Health and Safety Management and Administration

1

Principal Legal Requirements

The law on health and safety at work has, like much protective legislation, developed in a fragmented way over the last two centuries. In many cases, its growth has been brought about as a result of public outcry at, for instance, the appalling conditions under which children worked in the Lancashire textile mills following the Industrial Revolution. Indeed, the first statute, the Health and Morals of Apprentices Act 1802, was passed to combat this state of affairs in the textile industry. This Act limited the working hours of apprentices and established minimum standards of environmental control in terms of heating, ventilation and humidity control. Enforcement was by means of visitors to factories appointed by local magistrates.
The Factory Act 1833 resulted in the appointment of four factory inspectors with specific powers of entry to factories and means of enforcement. However, it was not until 1864 that such powers were extended beyond the textile industry to the matchmaking and pottery industries and, subsequently, with the Factory and Workshop Act 1878, to other forms of manufacturing industry. A final consolidating Act, the Factory and Workshop Act 1901, formed the basis for much of the current protective health and safety legislation. It enabled the Minister or Secretary of State to make specific regulations covering a wide range of relatively dangerous industrial processes and practices.
Modern health and safety legislation commenced with the Factories Act 1937, the predecessor of the Factories Act 1961. Similar legislation came into operation about this time dealing with mines and quarries, offices, shops and railway premises, and agriculture.
The Report of the Committee on Safety and Health at Work (Cmnd 5034) was published in July 1972 (The Robens Report). This Report proposed substantial changes in the law and administration of occupational health and safety and was instrumental in the passing of the Health and Safety at Work Act 1974, described in the following pages.
Since 1993 European Directives have had a significant effect on UK health and safety legislation.

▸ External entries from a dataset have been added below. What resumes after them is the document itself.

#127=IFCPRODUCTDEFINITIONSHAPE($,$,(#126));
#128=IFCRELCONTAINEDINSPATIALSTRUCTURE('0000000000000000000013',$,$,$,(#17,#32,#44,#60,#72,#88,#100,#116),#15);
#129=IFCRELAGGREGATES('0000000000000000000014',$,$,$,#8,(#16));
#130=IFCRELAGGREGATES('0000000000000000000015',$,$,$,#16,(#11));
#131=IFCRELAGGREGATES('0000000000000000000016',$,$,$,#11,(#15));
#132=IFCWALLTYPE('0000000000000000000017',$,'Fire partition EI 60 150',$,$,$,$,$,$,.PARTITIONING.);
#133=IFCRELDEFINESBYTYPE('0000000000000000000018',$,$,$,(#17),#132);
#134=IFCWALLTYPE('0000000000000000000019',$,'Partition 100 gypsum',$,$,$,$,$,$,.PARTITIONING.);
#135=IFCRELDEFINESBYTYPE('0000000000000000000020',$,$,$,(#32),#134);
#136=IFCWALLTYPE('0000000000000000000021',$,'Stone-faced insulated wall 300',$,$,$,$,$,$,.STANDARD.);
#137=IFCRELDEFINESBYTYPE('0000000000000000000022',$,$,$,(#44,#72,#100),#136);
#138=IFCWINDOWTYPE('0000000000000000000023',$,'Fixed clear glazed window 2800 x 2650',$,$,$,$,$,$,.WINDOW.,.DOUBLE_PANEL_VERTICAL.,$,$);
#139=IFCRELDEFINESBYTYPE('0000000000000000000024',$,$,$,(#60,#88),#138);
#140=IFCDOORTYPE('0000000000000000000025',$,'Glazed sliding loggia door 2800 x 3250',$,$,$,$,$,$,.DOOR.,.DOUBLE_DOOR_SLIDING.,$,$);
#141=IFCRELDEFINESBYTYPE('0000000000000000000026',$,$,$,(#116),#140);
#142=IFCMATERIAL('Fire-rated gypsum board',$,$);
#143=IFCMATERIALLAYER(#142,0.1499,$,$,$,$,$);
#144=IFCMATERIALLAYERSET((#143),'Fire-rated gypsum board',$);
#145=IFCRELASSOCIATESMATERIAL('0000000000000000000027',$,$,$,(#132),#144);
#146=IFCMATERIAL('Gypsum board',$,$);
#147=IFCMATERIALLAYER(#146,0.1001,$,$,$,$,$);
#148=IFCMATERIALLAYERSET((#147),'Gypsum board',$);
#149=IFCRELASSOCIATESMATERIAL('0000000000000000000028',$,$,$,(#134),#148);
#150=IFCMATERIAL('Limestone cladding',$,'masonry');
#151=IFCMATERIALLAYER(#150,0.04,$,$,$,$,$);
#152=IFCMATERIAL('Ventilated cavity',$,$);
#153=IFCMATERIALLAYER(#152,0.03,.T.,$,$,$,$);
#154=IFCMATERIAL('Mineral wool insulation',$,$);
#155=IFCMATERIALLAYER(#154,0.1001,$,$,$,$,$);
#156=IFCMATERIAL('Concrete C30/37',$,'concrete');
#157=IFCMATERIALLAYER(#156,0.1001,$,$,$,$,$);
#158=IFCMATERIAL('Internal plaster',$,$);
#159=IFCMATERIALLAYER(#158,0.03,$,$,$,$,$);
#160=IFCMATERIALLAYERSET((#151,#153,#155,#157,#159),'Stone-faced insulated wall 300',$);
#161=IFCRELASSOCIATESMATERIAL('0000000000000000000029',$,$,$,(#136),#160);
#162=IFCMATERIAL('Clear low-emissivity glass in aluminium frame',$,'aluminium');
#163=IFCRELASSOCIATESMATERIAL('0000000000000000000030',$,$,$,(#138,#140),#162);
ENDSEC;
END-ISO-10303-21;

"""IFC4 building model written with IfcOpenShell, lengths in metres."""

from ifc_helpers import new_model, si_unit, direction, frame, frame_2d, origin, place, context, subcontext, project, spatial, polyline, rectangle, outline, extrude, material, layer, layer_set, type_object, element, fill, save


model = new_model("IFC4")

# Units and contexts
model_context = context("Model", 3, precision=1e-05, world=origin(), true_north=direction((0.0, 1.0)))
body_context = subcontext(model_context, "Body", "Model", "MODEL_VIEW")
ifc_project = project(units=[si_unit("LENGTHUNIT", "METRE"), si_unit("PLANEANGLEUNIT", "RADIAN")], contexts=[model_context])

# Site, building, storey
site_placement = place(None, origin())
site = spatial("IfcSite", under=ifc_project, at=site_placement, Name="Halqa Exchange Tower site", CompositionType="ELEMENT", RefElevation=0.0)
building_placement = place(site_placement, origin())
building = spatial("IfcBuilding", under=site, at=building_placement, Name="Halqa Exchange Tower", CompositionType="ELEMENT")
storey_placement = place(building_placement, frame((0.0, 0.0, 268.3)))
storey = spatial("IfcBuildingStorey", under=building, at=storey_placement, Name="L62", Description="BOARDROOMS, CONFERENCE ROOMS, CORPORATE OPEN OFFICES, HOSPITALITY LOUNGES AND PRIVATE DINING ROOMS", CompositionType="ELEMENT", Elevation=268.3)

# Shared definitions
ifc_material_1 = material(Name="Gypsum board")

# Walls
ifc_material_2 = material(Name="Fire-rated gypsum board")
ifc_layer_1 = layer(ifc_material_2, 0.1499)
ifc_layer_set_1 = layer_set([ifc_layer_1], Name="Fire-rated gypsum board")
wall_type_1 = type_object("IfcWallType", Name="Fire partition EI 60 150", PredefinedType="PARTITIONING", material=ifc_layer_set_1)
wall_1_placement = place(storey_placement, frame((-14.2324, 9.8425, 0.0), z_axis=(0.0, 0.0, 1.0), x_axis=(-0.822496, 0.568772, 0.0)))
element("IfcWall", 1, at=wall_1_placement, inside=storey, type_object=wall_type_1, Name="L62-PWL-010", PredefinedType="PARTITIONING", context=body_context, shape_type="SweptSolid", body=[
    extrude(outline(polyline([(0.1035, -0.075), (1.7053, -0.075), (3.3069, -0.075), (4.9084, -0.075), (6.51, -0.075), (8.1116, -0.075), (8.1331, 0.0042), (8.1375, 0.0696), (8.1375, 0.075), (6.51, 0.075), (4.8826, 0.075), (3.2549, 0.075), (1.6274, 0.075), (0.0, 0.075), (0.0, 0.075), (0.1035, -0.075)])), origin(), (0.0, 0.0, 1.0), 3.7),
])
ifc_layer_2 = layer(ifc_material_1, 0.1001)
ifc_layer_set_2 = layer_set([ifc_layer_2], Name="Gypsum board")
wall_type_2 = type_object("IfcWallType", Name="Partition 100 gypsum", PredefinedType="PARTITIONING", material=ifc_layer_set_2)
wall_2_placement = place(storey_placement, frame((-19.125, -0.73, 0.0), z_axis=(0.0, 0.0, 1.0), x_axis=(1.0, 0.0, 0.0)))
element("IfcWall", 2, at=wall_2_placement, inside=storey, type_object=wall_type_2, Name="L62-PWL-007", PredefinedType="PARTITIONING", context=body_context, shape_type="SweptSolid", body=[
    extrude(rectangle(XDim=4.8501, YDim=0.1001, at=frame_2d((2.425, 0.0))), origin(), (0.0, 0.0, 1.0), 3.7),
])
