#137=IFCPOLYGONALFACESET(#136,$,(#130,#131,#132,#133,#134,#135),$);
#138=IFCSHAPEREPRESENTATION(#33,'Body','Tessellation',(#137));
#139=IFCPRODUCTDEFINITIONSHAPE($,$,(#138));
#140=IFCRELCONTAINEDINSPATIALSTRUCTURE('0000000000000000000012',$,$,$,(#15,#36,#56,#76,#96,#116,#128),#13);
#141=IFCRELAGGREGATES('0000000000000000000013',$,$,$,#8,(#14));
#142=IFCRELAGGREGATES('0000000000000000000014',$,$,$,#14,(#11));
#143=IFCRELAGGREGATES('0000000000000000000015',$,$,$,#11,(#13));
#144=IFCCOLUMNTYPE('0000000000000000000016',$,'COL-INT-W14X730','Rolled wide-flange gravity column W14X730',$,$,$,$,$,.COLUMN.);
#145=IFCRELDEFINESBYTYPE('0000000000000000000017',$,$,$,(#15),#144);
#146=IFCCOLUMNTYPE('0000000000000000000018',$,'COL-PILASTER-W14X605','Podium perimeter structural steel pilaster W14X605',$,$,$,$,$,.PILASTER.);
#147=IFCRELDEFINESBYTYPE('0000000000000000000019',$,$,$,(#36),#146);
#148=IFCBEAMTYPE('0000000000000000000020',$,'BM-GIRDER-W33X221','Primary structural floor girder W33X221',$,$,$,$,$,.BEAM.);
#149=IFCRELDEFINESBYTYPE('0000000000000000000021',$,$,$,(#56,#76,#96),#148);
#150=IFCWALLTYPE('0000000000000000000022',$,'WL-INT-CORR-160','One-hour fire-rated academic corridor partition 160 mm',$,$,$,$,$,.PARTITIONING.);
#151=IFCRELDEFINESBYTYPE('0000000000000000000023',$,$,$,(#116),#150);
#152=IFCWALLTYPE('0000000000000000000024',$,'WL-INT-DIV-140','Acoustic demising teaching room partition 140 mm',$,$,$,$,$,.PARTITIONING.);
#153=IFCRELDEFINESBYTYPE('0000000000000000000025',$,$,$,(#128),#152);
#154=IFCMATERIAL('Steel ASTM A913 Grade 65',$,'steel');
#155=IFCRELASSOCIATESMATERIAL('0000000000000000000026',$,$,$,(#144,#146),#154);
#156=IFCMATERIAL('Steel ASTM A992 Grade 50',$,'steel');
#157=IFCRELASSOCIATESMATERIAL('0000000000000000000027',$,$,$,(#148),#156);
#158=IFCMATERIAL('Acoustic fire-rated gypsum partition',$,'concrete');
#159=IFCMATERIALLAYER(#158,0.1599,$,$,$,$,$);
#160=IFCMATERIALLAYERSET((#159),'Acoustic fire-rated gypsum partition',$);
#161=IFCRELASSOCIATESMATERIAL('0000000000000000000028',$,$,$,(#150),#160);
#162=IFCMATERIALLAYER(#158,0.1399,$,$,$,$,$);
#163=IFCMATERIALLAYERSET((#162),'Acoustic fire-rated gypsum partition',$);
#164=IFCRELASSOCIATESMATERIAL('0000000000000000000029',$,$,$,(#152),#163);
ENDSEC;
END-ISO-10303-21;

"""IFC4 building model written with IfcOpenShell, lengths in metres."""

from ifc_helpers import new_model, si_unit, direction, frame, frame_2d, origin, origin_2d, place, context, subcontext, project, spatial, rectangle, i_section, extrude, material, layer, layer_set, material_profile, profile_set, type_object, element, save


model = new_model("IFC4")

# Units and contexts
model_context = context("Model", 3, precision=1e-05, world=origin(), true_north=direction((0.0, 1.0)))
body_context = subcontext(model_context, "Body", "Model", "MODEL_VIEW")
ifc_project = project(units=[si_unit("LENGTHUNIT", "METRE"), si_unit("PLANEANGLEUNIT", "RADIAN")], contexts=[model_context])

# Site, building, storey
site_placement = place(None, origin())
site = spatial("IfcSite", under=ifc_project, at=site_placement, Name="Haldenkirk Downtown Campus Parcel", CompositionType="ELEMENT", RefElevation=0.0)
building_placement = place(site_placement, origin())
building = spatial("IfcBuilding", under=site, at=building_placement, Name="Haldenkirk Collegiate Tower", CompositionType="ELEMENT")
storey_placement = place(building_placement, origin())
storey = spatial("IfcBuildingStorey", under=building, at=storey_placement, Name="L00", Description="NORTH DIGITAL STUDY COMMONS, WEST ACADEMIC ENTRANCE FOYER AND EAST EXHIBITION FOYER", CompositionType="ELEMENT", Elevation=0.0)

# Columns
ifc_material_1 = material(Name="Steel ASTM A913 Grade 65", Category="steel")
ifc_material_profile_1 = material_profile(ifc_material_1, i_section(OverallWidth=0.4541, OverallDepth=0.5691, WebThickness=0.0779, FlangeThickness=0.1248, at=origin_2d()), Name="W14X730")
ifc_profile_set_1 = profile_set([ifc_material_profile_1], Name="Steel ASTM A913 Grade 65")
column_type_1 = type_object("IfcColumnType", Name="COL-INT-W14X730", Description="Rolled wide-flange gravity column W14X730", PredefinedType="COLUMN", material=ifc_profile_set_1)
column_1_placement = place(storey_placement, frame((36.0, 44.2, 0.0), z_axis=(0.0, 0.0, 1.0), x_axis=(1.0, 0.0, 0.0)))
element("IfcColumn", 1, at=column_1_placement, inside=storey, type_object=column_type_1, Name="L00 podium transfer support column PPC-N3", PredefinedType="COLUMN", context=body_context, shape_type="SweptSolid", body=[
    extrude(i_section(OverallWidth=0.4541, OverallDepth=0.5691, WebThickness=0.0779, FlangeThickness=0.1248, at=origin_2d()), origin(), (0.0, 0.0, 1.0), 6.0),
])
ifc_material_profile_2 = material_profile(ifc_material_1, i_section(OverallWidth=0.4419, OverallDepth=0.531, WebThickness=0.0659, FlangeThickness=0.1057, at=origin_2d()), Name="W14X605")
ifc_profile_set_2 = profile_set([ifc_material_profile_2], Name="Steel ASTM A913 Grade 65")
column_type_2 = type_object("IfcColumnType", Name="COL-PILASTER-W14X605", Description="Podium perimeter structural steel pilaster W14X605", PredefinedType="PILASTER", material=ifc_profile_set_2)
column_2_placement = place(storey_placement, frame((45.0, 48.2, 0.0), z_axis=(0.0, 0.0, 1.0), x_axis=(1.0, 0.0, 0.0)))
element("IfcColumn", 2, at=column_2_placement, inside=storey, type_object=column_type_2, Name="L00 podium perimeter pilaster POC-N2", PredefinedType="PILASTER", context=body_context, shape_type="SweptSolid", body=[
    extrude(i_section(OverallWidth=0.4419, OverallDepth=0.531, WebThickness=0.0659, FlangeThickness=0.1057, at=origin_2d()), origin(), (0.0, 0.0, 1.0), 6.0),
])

CRIMINAL AND CIVIL LIABILITY

Breaches of health and safety law can incur both criminal and civil liability.

1. Criminal liability

A crime is an offence against the state. Criminal liability refers to the duties and responsibilities under statute, principally the Health and Safety at Work etc Act 1974, and regulations, and the penalties that can be imposed by the criminal courts, mainly fines and imprisonment.
Criminal law is based on a system of enforcement. Its statutory provisions are enforced by the state’s enforcement agencies, such as the police, Health and Safety Executive, local authorities and fire and rescue authorities.

2. Civil liability

A civil action generally involves negligence and/or breach of a statutory duty. In such actions a claimant sues a defendant for a remedy (or remedies) that is beneficial to the claimant. In most cases this takes the form of damages, a form of financial compensation. In a substantial number of cases the claimant will agree to settle out of court.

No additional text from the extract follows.